Table 2 – Fee Offset Claims and Sources

 

  Registrant or Filer Name Form or Filing Type File Number Initial Filing Date Filing Date Fee Offset Claimed Security Type Associated with Fee Offset Claimed Security Title Associated with Fee Offset Claimed Unsold Securities Associated with Fee Offset Claimed Unsold Aggregate Offering Amount Associated with Fee Offset Claimed Fee Paid with Fee Offset Source
Rule 457(p)
Fee Offset Claims Apollo Medical Holdings, Inc. S-3 333-231109 April 29, 2019   $18,180(4) Unallocated (Universal) Shelf (4) (4) $150,000,000  
Fee Offset Sources Apollo Medical Holdings, Inc. S-3 333-231109   April 29, 2019           $18,180

 

(1) There are being registered hereunder an indeterminate number or amount, as the case may be, of the securities of each identified class as may from time to time be offered and sold at indeterminate prices. Any securities registered hereunder may be sold separately or in combination with the other securities registered hereunder. The securities registered also include an indeterminate number or amount, as the case may be, of securities as may be issued upon exercise, settlement, exchange or conversion, as the case may be, of or for the securities registered hereunder or pursuant to the anti-dilution provisions of any such securities.
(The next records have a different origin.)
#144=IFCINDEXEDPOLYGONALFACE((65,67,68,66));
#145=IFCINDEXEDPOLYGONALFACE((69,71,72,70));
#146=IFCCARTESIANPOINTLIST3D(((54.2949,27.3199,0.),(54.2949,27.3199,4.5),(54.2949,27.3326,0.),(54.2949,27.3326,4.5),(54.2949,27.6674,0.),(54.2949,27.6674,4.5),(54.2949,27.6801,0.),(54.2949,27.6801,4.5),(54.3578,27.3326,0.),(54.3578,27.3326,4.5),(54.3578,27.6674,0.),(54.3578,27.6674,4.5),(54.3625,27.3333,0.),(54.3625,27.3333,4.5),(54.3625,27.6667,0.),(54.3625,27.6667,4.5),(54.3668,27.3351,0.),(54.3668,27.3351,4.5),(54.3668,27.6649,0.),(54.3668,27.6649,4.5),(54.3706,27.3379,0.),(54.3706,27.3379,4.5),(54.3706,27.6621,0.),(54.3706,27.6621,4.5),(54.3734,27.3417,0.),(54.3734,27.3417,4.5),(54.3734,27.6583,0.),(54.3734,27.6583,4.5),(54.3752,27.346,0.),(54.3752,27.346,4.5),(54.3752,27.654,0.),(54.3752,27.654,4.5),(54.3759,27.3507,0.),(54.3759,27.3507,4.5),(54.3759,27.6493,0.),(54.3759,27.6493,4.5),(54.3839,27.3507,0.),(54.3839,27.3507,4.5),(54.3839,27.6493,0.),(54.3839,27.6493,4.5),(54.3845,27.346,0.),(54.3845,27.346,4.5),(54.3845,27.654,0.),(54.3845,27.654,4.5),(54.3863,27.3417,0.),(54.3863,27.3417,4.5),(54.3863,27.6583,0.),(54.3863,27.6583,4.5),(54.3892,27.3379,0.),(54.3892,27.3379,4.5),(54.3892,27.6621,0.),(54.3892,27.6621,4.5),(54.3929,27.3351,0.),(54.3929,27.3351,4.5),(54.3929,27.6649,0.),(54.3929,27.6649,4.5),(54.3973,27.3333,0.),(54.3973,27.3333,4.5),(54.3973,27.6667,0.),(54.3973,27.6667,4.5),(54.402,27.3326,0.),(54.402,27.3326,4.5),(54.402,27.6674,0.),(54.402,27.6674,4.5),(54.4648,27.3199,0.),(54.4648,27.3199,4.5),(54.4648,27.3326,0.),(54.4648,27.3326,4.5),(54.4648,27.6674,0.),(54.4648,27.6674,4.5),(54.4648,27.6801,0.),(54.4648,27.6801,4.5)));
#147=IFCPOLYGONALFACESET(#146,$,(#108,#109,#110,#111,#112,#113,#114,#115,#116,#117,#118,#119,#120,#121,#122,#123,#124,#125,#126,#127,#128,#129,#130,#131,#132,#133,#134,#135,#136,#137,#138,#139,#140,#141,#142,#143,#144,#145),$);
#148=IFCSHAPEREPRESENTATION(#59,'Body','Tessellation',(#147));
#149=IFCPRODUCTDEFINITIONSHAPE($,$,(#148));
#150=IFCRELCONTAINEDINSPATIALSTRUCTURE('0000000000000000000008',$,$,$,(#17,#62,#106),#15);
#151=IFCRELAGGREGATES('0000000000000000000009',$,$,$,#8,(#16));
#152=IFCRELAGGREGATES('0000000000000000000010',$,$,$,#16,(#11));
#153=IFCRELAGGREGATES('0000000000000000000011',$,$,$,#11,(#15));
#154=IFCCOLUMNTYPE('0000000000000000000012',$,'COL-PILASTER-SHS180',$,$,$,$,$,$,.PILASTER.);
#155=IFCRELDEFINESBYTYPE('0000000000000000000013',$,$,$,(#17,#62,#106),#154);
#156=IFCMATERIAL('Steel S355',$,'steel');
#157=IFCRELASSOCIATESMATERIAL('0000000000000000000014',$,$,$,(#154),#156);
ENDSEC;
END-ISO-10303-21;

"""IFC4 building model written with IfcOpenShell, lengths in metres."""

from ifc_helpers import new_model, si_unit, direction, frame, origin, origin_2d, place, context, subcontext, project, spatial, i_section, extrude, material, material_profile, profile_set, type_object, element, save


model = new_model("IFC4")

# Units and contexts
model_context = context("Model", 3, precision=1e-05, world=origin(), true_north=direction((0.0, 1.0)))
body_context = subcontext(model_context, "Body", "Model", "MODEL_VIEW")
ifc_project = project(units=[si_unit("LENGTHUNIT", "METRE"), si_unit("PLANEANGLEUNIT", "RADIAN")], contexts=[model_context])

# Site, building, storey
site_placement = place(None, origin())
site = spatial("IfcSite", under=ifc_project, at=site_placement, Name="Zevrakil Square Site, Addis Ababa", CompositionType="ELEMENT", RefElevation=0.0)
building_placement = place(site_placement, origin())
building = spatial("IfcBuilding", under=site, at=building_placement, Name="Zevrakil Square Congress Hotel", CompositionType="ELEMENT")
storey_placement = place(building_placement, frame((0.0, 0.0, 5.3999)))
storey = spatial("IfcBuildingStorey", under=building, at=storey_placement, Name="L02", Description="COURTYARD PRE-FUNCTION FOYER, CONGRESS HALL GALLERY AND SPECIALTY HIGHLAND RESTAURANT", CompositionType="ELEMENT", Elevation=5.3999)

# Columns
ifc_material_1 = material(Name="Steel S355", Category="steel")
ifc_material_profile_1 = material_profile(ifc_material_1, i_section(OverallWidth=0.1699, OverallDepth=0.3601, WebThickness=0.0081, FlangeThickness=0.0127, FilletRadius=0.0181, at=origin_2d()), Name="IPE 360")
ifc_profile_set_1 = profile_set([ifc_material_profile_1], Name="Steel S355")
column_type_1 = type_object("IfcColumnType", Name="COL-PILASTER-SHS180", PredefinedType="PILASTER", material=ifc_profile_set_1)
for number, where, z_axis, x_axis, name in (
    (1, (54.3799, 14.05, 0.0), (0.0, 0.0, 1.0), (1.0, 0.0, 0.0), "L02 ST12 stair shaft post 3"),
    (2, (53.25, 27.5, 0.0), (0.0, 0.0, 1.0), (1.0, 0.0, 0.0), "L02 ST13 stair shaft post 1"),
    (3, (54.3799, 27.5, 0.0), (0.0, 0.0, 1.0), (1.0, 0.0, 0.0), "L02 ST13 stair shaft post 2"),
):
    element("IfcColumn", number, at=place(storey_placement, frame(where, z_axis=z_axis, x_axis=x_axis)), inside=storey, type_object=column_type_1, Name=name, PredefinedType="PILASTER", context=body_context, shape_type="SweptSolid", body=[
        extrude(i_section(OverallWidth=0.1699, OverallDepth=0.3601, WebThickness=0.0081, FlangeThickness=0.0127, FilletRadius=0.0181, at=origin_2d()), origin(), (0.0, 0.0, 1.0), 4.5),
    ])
In addition, pursuant to Rule 416 under the Securities Act of 1933, as amended (the “Securities Act”), this registration statement also covers any additional securities that may be issuable with respect to the securities being registered hereunder as a result of any stock splits, stock dividends or similar transactions.

 

(2) The proposed maximum per security and aggregate offering prices per class of securities will be determined from time to time by the registrant in connection with the issuance by the registrant of the securities registered hereunder and is not specified as to each class of security. Separate consideration may or may not be received for securities that are issuable upon the conversion or exercise of, or in exchange for, other securities, or that are issued in units.

 

(3) In accordance with Rule 456(b) and 457(r) under the Securities Act, the registrant is deferring payment of all registration fees in respect of securities which are being registered in an indeterminate amount. In connection with the securities offered hereby, the registrant will pay “pay-as-you-go registration fees” in accordance with Rule 456(b) under the Securities Act. The registrant will calculate the registration fee applicable to an offer of securities pursuant to this registration statement based on the fee rate in effect on the date of such fee payment.

 

(4) The registrant previously registered an indeterminate amount of securities having an aggregate offering price of up to $150,000,000, pursuant to a Registration Statement on Form S-3 (File No. 333-231109) filed with the Securities and Exchange Commission on April 29, 2019 (the “Prior Registration Statement”) and declared effective on May 13, 2019. As of the date of this Registration Statement, the registrant has not sold any of these securities under the Prior Registration Statement. Pursuant to Rule 457(p) under the Securities Act, the registration fee of $18,180 that has already been paid and remains unused with respect to securities that were previously registered pursuant to the Prior Registration Statement and were not sold thereunder will continue to be applied to the securities included in this Registration Statement, and the offering of securities by the registrant under the Prior Registration Statement will be deemed terminated as of the date of effectiveness of this Registration Statement.